Friday, September 8, 2017
Dr. James Donahue
Department of Chemistry
Hand Lab 1144, 3:30 PM
X-ray crystallography is sometimes described as a definitive technique in identifying a compound. As a stand-alone technique, the certainty offered by X-ray crystallography is limited to a description of atom connectivity, as opposed to atom identity, because elements with similar atomic number have similar diffracting power. In this talk, a series of examples are considered in which coordination compounds of the transition metals are incorrectly formulated on the basis of a crystal structure. First, a set of reports describing the syntheses and structures of [MCl2(diazadiene)] (M = Cr, Mo, W) complexes is reassessed in the context of known chemistry of low-valent Group VI metal complexes, crystallographic trends such as M–Cl bond lengths and unit cell volumes, and calculated metal-ligand bond lengths.

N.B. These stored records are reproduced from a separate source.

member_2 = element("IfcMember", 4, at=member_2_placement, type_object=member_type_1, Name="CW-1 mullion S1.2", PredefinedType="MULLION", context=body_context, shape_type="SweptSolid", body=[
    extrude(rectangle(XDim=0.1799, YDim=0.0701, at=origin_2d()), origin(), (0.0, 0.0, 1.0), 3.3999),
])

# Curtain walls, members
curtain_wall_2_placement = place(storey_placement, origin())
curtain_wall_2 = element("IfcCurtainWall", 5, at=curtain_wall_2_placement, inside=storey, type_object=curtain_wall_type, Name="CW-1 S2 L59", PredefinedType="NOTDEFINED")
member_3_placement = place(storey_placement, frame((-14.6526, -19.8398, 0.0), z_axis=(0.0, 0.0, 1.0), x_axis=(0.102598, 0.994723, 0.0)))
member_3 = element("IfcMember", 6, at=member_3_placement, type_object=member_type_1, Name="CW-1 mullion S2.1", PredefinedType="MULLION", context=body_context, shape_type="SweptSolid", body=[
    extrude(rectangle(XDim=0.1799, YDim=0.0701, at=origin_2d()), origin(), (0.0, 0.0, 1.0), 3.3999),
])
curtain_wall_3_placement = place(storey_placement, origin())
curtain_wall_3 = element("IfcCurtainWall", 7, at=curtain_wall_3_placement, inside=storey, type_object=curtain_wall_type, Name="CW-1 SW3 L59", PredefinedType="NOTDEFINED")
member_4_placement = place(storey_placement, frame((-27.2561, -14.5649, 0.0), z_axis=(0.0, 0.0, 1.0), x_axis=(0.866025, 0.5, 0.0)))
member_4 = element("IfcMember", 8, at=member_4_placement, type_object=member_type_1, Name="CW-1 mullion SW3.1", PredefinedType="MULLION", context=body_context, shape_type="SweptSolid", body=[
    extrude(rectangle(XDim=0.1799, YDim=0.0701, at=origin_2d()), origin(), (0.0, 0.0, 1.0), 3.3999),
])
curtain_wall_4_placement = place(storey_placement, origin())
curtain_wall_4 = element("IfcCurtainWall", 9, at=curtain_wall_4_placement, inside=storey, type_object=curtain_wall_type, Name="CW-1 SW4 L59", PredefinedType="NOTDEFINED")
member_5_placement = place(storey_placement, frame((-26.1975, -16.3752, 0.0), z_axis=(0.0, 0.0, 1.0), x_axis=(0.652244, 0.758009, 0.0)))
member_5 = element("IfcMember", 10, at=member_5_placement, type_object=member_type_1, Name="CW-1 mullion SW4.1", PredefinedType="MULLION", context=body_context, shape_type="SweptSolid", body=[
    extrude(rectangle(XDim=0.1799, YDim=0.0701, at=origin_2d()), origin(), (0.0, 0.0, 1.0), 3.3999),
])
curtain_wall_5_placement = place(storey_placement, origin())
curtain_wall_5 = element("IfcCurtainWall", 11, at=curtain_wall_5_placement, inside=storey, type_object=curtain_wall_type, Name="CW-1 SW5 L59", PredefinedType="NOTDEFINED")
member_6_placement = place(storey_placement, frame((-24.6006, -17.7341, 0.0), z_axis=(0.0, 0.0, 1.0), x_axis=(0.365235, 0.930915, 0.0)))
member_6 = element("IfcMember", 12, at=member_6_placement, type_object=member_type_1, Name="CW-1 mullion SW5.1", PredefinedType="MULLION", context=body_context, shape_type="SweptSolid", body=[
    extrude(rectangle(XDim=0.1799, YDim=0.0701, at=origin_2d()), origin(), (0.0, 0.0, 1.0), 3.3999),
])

Crystallographic data and computational results are inconsistent with any of these species being second or third row transition metal complexes. The crystallographic information files accompanying the [MCl2(diazadiene)] (M = Mo, W) published structures reveal that the metal atoms were refined with partial site occupancy factors (0.775 for Mo; 0.4005 and 0.417 for W), the effect of which was to produce lighter-element behavior and better refinement in accord with the metal atoms’ correct identity, which is Zn2+. Divalent zinc originates from zinc metal employed as a reducing agent. A similar case involving [(Me3P)2ZnCl2] misidentified as [(Me3P)2MoCl2] is noted. A third case of element mis-assignment involves a tetrametallic species, [M(iPr2Pipdt)]4[BF4]4 (iPr2Pipdt = diisopropylpiperazine-2,3-dithione), that is created by treatment of [MoOCl(iPr2Pipdt)2]+ with AgBF4. The metal atom is identified as Mo1+, but a variety of chemical considerations is strongly indicative of Ag+ as the more chemically plausible metal ion. Finally in our own work, attention is given to considerable confusion caused by the inability to distinguish Cl- from SH- as a ligand in Cu1+ complexes on the basis of crystallography. Offered in conclusion are thoughts on some preemptive practices that guard against element mis-identification in the crystal structure determination process.
James P. Donahue was born and raised in northern Indiana. He did his undergraduate studies at M.I.T., earning a B.S. in chemistry in 1991. With the support of a DoD fellowship, he did his doctoral work with Richard Holm at Harvard University, earning his Ph.D. in 1998 with a dissertation about the synthesis and properties of small molecule analogues of the active sites on molybdo- and tungstoenzymes. In 1999, he began a postdoctoral study with F. A. Cotton at Texas A&M with the support of an NIH fellowship. In 2004, he assumed a tenure track assistant professor position at Tulane University, and in 2011 he was promoted to his current rank of associate professor.